Oh I like that one...
what do you do to the burlap it looks darker than normal


----------



## dave the dead (Jan 31, 2007)

Lilly said:


> Oh I like that one...
> what do you do to the burlap it looks darker than normal


I airbrushed it.


----------



## Lady Nyxie (Aug 30, 2006)

Superb.


----------



## CreepyCanmore (Mar 27, 2007)

Great use of material Dave. Creepy little guy.


----------



## beelce (Jul 21, 2007)

Nice !!


----------



## Tyler (Jul 17, 2008)

Sweet, great new prop Dave, everyone will be raffelin'.


----------



## cerinad (Jun 23, 2008)

That is too cool!


----------



## Ghostess (Aug 21, 2005)

Another cool prop from a prop-making genius!


----------



## Terrormaster (Sep 27, 2007)

*bows before the master of materials*


----------



## DeadSpider (Feb 3, 2006)

Thats really cool that you are donating these for a raffle.


----------



## Magic Taco Truck (Jul 2, 2007)

I wish I could get props done as fast (or at least as good) as you!

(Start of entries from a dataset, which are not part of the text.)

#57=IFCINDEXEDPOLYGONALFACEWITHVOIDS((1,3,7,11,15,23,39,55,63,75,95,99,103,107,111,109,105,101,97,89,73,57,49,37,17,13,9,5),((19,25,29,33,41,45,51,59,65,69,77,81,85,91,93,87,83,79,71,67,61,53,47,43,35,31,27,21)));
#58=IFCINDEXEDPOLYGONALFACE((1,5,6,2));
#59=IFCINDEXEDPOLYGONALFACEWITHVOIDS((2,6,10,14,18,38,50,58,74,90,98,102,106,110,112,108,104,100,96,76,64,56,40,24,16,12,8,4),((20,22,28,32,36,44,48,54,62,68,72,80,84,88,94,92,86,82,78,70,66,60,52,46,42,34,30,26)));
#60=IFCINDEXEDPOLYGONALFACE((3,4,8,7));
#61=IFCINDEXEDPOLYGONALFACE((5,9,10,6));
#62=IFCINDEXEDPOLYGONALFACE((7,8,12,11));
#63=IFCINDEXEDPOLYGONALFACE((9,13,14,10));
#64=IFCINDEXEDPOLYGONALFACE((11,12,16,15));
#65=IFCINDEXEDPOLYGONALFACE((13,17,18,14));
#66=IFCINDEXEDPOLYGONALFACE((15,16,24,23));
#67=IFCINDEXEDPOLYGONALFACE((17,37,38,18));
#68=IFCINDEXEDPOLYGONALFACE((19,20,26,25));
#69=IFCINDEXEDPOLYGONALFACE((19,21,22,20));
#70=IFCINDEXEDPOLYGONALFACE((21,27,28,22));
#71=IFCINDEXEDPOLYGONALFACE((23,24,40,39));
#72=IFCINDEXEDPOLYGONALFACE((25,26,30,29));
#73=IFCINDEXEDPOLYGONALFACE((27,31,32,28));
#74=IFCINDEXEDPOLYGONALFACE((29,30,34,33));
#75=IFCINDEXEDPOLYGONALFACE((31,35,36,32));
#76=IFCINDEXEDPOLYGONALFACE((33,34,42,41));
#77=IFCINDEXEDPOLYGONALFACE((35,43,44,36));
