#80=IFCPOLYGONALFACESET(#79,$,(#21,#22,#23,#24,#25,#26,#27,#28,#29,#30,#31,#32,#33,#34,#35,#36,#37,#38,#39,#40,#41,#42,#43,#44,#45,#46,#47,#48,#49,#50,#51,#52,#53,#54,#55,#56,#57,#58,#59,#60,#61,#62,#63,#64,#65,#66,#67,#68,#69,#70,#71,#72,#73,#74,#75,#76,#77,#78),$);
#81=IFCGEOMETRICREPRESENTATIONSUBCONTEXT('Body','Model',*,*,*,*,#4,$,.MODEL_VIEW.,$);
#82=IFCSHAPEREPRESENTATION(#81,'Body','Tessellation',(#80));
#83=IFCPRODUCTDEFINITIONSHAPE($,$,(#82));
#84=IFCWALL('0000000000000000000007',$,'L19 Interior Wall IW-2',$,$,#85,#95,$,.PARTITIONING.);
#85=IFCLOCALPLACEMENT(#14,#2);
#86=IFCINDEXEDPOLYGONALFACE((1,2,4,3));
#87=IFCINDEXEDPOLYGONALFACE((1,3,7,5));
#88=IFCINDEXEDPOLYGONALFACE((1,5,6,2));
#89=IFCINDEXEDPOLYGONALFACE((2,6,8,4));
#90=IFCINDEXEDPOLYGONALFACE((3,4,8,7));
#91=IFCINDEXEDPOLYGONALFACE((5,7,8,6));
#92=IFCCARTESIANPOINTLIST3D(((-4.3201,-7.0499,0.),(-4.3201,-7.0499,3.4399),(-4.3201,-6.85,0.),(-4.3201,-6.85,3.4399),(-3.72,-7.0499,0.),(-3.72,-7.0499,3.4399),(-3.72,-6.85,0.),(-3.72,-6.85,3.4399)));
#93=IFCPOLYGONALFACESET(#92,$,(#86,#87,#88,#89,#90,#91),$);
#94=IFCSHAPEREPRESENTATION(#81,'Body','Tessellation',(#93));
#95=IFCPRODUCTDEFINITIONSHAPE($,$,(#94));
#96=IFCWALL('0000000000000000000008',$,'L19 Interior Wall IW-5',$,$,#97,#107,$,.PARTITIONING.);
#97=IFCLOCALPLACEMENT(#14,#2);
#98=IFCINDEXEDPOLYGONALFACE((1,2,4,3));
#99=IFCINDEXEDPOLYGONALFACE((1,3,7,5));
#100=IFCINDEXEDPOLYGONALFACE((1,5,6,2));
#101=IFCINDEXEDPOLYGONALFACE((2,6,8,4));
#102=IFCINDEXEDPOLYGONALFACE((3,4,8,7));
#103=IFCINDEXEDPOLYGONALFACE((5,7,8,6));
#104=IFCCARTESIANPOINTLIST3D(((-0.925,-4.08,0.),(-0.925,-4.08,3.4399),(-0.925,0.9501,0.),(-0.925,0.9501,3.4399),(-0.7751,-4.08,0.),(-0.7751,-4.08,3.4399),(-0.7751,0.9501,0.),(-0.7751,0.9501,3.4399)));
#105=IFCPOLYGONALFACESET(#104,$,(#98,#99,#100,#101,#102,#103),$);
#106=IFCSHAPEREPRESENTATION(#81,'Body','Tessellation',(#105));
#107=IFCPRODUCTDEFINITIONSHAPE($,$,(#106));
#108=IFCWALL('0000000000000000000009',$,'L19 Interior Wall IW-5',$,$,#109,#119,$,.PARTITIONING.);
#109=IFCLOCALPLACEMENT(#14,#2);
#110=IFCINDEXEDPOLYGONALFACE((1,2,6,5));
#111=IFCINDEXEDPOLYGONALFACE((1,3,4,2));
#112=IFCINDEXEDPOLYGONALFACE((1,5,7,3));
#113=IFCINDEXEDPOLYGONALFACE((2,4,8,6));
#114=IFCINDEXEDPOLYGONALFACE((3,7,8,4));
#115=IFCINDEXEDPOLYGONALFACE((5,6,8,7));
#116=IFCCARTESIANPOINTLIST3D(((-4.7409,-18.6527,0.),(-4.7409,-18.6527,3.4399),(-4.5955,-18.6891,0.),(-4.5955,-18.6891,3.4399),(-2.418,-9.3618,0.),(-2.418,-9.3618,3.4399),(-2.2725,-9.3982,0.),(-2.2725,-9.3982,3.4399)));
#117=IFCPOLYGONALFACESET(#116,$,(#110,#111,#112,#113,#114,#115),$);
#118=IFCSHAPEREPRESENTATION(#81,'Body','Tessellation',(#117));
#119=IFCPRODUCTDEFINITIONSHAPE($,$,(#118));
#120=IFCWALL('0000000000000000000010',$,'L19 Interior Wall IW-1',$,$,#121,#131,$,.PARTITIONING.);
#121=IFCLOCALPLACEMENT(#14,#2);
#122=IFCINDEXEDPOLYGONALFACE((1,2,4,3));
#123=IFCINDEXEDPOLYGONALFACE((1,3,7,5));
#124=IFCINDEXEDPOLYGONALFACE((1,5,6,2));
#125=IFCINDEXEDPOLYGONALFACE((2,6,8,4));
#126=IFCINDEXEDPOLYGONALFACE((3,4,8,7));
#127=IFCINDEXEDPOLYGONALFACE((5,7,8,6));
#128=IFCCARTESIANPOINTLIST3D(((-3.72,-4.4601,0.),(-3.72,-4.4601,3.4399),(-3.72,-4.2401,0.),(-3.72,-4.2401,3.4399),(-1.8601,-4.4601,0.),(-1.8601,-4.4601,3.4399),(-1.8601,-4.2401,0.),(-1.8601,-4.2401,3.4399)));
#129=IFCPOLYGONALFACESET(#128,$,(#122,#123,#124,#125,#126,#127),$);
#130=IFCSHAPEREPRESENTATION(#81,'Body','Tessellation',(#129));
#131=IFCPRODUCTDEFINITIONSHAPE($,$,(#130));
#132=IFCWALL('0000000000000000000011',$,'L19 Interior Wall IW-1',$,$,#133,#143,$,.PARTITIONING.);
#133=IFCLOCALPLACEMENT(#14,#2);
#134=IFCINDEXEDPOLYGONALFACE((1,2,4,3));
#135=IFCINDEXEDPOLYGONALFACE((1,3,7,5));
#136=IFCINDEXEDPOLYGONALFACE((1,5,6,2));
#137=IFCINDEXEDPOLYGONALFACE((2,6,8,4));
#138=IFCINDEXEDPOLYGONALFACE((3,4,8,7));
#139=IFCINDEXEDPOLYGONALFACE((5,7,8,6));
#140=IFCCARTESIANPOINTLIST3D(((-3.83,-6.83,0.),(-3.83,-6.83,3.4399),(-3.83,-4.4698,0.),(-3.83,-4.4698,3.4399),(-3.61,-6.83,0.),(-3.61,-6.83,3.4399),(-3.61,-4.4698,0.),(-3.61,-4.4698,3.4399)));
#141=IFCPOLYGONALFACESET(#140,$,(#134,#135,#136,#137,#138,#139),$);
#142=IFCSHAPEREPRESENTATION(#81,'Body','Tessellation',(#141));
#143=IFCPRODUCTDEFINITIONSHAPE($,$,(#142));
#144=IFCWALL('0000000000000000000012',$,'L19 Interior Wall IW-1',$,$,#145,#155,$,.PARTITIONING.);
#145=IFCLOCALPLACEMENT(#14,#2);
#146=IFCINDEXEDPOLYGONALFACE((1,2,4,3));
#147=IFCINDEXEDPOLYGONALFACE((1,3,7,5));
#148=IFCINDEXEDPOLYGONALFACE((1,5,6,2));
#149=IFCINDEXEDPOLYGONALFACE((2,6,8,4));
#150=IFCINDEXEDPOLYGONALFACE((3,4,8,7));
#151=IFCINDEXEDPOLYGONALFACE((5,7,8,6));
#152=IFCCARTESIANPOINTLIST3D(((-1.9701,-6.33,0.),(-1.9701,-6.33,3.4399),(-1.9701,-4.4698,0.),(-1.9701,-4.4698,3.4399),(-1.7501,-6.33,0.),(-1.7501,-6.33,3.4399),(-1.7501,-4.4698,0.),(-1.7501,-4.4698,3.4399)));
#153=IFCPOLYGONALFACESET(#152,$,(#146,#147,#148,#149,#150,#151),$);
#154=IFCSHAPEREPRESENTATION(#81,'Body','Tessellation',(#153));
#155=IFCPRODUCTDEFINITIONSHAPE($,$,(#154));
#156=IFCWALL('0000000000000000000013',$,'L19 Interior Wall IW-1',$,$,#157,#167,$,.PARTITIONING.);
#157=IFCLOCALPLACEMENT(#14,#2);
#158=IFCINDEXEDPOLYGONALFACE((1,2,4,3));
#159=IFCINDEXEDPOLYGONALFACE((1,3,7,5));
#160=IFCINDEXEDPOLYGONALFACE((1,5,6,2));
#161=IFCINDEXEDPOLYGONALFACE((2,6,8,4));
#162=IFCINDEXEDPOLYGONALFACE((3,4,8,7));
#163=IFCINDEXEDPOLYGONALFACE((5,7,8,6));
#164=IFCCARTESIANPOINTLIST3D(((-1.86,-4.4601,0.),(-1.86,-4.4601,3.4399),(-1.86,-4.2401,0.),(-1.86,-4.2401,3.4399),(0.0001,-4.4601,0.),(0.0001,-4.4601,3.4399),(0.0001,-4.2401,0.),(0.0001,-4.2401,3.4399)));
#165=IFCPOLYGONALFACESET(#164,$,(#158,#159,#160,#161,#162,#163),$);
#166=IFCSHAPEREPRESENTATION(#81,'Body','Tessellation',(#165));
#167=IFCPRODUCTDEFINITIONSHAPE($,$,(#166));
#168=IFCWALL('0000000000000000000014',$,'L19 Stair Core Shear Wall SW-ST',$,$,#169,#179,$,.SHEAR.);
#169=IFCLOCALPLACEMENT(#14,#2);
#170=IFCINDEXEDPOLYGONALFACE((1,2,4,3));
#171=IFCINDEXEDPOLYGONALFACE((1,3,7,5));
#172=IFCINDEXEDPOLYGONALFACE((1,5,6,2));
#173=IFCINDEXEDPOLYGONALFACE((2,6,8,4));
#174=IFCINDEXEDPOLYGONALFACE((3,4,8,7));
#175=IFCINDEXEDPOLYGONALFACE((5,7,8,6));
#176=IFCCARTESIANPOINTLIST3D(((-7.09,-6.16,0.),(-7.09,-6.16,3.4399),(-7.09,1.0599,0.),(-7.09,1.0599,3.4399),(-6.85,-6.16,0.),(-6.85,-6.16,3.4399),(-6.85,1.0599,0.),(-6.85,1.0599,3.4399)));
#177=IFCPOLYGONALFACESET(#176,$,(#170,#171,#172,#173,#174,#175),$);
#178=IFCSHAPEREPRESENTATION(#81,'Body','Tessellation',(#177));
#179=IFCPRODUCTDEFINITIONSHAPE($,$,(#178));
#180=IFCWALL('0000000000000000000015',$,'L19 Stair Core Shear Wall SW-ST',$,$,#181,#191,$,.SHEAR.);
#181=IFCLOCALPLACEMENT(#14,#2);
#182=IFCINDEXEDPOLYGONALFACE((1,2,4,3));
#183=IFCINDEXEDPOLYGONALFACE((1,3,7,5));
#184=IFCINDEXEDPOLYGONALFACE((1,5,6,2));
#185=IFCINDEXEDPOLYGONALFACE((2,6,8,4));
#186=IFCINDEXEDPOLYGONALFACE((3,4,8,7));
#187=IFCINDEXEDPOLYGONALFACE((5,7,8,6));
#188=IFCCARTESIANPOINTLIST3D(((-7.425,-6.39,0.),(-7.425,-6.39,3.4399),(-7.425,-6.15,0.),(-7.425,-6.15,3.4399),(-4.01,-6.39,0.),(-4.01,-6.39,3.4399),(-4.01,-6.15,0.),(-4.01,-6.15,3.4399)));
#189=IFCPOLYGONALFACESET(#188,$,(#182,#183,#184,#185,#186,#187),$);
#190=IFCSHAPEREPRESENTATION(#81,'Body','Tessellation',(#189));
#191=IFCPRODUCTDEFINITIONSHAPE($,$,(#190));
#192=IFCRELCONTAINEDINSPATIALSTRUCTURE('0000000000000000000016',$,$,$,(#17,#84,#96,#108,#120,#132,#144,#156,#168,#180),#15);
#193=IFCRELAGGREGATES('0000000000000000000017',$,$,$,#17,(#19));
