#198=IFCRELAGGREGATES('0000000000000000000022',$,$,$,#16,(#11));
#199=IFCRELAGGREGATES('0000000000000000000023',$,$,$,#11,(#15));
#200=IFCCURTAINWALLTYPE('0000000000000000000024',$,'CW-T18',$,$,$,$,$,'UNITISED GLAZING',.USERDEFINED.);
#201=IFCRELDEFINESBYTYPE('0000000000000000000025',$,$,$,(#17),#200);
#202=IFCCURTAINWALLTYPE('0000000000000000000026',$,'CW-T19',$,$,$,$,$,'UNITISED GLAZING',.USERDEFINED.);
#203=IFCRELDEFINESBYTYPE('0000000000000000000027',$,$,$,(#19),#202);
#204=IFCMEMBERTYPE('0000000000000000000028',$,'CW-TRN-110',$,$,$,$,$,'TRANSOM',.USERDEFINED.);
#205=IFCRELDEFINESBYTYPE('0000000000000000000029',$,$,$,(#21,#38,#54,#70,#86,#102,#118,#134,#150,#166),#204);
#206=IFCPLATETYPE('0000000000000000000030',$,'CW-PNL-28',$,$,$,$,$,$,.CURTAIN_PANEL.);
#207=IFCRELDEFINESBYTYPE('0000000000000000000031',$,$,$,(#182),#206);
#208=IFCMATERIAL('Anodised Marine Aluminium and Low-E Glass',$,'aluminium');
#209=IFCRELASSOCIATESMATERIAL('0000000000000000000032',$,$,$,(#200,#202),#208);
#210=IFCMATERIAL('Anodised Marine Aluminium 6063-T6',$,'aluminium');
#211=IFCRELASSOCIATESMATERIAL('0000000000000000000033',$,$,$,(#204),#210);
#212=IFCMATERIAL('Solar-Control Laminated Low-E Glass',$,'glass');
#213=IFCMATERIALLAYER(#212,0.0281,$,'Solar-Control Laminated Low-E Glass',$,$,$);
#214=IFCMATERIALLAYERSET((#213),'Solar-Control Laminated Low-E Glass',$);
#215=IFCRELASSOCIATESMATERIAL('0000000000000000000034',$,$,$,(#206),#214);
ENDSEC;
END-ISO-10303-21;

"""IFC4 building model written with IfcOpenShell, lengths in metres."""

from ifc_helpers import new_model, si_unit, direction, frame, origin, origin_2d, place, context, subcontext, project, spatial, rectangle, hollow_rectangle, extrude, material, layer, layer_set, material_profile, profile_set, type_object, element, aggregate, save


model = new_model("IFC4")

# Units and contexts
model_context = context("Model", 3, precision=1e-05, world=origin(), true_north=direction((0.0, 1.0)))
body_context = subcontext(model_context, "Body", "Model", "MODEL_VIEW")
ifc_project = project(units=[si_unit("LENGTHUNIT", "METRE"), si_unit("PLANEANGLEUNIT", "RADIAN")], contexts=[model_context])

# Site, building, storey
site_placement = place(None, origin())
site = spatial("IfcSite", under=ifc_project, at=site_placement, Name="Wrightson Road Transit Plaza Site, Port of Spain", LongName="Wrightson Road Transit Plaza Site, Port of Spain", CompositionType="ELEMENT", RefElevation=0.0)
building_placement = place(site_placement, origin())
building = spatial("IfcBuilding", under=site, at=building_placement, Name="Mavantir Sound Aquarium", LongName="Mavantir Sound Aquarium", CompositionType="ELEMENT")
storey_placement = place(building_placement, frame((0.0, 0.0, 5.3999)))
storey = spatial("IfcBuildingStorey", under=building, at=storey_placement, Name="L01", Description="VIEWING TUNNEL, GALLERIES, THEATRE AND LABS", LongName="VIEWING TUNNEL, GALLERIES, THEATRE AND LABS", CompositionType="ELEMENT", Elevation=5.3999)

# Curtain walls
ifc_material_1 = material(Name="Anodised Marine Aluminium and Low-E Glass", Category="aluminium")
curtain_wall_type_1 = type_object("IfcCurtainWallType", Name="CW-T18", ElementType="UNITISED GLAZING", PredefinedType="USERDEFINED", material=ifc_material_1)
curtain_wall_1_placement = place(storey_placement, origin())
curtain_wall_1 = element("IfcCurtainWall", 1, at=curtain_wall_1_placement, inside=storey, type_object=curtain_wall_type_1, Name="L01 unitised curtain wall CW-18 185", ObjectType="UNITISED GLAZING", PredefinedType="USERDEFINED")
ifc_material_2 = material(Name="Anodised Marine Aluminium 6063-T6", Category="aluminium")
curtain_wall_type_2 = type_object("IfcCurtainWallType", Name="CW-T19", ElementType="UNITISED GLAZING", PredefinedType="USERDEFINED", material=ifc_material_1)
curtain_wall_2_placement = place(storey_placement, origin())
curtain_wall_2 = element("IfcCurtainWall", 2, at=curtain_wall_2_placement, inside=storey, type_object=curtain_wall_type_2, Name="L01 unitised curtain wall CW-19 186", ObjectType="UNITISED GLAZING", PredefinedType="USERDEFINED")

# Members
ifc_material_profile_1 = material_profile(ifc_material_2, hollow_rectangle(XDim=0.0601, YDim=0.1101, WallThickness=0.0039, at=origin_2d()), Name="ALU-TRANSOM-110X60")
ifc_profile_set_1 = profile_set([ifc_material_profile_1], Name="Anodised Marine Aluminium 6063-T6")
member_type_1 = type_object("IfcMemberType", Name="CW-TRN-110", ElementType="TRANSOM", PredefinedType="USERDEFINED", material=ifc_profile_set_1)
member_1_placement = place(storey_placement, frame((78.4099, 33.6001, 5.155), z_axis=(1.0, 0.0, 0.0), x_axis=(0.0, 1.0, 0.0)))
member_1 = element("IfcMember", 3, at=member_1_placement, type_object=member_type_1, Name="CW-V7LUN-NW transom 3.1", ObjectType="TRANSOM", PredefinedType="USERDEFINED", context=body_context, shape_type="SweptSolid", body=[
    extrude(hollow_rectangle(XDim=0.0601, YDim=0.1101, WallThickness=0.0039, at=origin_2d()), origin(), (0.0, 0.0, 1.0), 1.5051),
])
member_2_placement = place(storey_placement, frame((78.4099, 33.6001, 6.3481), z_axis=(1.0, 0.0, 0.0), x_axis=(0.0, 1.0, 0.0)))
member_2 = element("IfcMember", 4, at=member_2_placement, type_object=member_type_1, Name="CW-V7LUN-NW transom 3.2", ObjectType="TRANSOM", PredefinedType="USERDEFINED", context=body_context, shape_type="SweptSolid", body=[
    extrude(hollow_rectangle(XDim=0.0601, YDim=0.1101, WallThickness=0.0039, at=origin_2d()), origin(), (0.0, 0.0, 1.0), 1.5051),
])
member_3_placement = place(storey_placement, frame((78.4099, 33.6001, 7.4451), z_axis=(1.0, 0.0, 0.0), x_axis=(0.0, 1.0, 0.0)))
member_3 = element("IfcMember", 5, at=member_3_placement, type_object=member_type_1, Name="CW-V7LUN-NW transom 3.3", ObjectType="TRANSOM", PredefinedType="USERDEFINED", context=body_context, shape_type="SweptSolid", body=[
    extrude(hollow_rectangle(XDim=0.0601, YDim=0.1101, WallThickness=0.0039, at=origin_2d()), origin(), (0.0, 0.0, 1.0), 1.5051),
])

I'm jealous!


----------



## Devils Chariot (May 23, 2007)

dave of the dead, first of the post deconstructionalist home haunters - I say bravo to you, bravo. May Isabella Rossellini visit your yard soon!

(i'm saying i like it, but also adding an obscure simpsons reference)


----------



## NickG (Sep 12, 2006)

I like the belt especially.


----------